In German, _baden_ can be used for both, _schwimmen_ is more specific.


ilocas2 said:


> koupat se ve vaně (to bathe in bathtub) - one doesn't expect swimming in bathtub


_in der Badewanne baden_


ilocas2 said:


> koupat se v moři (to bathe in sea) - common sense says that people usually make some swimming movements when they bathe in sea


_im Meer baden, im Meer schwimmen_


----------



## DaylightDelight

In Japanese, a character 浴 /yoku/ (to bathe) is used for both bathing and swimming in the sea.
入浴 = bathing
海水浴 = swimming in the sea

However, it is not used for swimming in any other place (lake, river, swimming pool, or bath tub).


----------



## Awwal12

ilocas2 said:


> In Czech to bathe is *koupat se
> *
> and whether swimming is involved or not - it depends rather on context
> 
> koupat se ve vaně (to bathe in bathtub) - one doesn't expect swimming in bathtub
> koupat se v moři (to bathe in sea) - common sense says that people usually make some swimming movements when they bathe in sea


Russian is interesting here. The verb купаться (/kupátsa/) does exist in it, but it has a pretty specific meaning: it implies bathing as a recreative activity and is limited to bathing little children or bathing in the river, sea etc. I can hardly imagine that verb being used to a grown up person taking a bath.
In other cases the verb мыться (/mýtsa/) is used, literally "wash oneself". That also refers to bathing in a bathhouse (banya), even if only a small part of it is exactly washing.
For more specific definitions, there are (pretty formal) expressions принимать ванну (prinimát' vánnu, literally "to accept a bath") or принимать душ (prinimát' duš, literally "to accept a shower").

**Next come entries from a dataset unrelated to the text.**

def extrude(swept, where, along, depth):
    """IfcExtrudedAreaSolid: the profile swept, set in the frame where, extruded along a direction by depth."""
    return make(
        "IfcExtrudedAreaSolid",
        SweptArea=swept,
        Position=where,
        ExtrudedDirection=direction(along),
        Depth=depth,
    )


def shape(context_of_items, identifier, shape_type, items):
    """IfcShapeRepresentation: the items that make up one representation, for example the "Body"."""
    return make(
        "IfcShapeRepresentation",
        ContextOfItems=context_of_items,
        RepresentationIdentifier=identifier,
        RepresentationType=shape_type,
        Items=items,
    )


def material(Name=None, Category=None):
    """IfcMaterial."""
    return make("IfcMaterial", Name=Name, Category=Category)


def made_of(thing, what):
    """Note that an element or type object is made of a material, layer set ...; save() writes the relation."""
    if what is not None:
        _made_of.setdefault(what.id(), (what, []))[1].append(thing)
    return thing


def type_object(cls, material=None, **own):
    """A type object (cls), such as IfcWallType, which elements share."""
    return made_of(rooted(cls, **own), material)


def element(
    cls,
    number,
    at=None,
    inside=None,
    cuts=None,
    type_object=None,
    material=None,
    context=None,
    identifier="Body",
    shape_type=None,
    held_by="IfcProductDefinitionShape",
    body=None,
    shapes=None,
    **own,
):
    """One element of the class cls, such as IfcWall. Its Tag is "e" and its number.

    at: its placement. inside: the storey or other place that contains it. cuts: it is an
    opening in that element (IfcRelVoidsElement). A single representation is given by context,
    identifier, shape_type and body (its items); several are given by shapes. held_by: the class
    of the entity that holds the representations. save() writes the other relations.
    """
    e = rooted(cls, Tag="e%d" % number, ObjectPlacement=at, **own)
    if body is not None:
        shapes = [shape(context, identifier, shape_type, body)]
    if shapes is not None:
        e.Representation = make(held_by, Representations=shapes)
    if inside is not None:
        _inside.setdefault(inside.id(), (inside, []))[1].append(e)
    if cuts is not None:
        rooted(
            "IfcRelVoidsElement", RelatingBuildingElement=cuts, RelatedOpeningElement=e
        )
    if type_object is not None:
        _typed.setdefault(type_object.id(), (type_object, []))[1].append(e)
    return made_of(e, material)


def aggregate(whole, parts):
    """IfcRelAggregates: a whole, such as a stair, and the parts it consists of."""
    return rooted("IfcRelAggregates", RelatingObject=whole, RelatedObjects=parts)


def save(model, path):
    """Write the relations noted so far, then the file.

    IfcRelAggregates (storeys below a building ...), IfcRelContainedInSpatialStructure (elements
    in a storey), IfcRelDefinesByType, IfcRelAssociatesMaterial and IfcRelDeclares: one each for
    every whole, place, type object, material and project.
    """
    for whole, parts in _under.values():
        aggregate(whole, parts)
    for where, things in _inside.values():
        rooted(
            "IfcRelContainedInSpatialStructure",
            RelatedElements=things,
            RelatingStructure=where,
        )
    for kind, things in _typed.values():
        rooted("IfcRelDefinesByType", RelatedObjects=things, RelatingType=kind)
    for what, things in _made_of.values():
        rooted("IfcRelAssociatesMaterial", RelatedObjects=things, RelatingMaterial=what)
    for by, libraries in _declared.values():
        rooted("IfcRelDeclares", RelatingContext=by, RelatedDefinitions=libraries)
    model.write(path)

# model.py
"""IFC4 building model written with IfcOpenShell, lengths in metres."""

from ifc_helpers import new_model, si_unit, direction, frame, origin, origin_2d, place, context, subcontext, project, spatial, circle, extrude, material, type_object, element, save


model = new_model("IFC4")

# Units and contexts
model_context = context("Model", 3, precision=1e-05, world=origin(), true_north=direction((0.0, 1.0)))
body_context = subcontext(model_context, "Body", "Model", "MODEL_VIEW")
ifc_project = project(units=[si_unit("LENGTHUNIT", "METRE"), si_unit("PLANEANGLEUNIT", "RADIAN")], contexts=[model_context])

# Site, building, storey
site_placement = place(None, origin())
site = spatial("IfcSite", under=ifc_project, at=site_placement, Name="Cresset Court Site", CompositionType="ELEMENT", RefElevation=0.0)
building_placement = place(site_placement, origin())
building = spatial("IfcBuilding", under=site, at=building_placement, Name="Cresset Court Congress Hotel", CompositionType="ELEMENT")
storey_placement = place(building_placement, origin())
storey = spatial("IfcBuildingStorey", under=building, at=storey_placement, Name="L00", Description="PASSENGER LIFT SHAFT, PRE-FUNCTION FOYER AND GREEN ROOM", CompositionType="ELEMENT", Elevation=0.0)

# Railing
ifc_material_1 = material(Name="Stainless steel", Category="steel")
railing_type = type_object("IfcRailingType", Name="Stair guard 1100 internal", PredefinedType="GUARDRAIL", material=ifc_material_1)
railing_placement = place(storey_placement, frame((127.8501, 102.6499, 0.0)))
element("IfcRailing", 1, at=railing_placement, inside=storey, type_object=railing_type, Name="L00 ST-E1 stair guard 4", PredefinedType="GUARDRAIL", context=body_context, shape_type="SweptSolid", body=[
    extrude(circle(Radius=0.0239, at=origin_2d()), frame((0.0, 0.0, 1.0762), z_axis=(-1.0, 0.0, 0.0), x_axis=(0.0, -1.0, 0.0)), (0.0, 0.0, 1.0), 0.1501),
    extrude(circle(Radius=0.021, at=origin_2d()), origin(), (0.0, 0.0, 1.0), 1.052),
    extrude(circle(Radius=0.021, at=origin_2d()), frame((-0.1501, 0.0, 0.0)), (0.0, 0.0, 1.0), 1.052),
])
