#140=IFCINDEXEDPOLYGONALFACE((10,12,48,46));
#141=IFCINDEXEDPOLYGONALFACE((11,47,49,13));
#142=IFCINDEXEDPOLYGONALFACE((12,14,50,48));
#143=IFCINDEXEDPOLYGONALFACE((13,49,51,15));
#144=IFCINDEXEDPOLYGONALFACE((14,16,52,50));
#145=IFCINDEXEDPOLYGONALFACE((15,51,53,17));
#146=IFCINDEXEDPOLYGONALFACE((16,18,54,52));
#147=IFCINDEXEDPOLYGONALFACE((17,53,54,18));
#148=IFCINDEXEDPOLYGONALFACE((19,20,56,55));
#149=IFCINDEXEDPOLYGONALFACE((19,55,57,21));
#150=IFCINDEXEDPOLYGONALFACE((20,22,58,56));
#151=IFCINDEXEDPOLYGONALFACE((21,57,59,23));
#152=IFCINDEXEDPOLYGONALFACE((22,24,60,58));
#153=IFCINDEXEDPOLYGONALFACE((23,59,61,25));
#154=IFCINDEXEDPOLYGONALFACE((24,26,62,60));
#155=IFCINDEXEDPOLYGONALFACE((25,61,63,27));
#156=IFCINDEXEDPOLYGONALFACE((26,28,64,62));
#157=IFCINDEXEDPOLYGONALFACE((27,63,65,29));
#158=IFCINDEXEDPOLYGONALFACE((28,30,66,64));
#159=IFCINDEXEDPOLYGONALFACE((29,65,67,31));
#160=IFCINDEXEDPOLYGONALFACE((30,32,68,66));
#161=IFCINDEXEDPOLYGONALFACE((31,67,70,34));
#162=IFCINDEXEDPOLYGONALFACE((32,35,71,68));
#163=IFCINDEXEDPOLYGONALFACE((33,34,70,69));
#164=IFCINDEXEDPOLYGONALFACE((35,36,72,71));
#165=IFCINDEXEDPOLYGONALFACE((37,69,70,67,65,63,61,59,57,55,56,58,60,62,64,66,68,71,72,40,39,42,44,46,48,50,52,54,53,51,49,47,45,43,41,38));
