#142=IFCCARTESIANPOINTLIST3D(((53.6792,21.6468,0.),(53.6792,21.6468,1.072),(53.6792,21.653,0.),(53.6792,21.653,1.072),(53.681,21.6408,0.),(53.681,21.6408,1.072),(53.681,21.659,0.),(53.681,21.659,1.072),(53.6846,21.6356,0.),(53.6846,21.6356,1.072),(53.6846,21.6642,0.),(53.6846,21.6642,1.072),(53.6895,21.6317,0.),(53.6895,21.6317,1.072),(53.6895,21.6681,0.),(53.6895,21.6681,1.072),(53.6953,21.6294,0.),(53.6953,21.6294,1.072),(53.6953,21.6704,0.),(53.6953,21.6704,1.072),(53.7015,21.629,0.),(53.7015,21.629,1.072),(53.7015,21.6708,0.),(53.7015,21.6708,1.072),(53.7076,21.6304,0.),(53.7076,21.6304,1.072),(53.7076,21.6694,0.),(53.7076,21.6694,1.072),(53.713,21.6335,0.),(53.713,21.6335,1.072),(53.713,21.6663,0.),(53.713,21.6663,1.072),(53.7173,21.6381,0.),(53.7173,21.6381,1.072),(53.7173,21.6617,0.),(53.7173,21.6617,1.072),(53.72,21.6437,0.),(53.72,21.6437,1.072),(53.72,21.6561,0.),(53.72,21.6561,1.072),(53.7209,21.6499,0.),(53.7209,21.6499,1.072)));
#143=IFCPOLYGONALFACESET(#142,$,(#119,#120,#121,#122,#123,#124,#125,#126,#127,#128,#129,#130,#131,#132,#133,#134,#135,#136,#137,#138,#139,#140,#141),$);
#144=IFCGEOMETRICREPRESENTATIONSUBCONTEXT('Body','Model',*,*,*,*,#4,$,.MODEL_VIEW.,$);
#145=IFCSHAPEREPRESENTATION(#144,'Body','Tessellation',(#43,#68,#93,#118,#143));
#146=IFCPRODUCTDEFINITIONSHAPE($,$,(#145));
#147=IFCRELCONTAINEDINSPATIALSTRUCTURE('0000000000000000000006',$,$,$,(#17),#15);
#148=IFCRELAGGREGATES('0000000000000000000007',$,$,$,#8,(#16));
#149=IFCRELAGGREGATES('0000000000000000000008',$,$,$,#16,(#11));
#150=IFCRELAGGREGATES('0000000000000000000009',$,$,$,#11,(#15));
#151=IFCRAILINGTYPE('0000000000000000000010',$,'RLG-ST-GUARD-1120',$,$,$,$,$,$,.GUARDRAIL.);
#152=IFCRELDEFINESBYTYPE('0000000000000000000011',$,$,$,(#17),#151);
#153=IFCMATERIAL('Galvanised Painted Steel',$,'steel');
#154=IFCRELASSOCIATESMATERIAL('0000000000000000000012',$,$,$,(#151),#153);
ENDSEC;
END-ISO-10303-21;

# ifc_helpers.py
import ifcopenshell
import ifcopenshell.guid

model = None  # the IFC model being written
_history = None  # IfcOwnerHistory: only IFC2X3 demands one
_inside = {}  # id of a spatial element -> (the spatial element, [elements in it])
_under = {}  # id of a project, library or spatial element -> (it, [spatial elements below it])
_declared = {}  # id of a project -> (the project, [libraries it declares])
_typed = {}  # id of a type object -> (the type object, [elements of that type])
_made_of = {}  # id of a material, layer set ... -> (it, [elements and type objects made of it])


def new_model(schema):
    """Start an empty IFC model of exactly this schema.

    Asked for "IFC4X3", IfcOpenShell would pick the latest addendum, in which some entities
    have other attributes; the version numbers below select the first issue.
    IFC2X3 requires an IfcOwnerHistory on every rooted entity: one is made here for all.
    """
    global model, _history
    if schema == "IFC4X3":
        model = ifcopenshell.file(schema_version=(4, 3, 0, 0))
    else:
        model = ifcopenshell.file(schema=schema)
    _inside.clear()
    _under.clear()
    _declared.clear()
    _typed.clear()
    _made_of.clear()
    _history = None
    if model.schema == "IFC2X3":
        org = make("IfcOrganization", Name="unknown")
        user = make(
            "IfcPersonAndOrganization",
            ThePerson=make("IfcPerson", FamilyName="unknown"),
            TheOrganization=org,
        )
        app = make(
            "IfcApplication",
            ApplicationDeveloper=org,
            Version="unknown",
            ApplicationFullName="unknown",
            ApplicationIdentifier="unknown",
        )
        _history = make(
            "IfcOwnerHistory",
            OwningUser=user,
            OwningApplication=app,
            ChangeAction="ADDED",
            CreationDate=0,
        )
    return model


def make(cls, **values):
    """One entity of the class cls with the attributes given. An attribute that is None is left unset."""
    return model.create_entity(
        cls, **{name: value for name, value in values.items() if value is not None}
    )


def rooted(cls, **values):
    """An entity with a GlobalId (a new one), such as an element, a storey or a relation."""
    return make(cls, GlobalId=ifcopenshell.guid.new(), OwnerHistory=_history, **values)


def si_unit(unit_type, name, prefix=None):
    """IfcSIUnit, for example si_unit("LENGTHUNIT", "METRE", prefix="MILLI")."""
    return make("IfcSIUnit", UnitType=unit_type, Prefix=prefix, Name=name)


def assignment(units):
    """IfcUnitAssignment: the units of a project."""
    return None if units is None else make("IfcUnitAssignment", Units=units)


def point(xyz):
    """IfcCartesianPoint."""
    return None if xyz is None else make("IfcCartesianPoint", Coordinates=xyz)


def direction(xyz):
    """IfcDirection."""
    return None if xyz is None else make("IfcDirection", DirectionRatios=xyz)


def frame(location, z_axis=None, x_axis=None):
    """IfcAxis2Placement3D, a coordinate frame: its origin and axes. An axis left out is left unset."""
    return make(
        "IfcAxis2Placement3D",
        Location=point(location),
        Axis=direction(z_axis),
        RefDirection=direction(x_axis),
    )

The verbs плавать (plávat', multidirectional) and плыть (plyt', continuous) mean "to swim" - and also "to float", to which English word they are actually cognates.


----------



## apmoy70

In Greek *«κάνω μπάνιο»* [ˈkano ˈbaɲo] --> _to do (a) bath_ (to take a bath) is used for both (taking a bath in the bathtub or a swim in the sea/pool).

The MoGr name for _bath_, *«μπάνιο»* [ˈbaɲo] (neut.) is a boomerang word: Classical Gr. *«βαλανεῖον» bălăne̪îŏn* (neut.) --> _warm bath, bathroom_ (with obscure etymology, for a term for bathing in warm water, which is probably an Aegean custom, we might expect Pre-Greek origin) > Classical Lat. *balineum/balneum* > Vulgar Lat. *bannium* > It. *bagno* > MoGr *μπάνιο*.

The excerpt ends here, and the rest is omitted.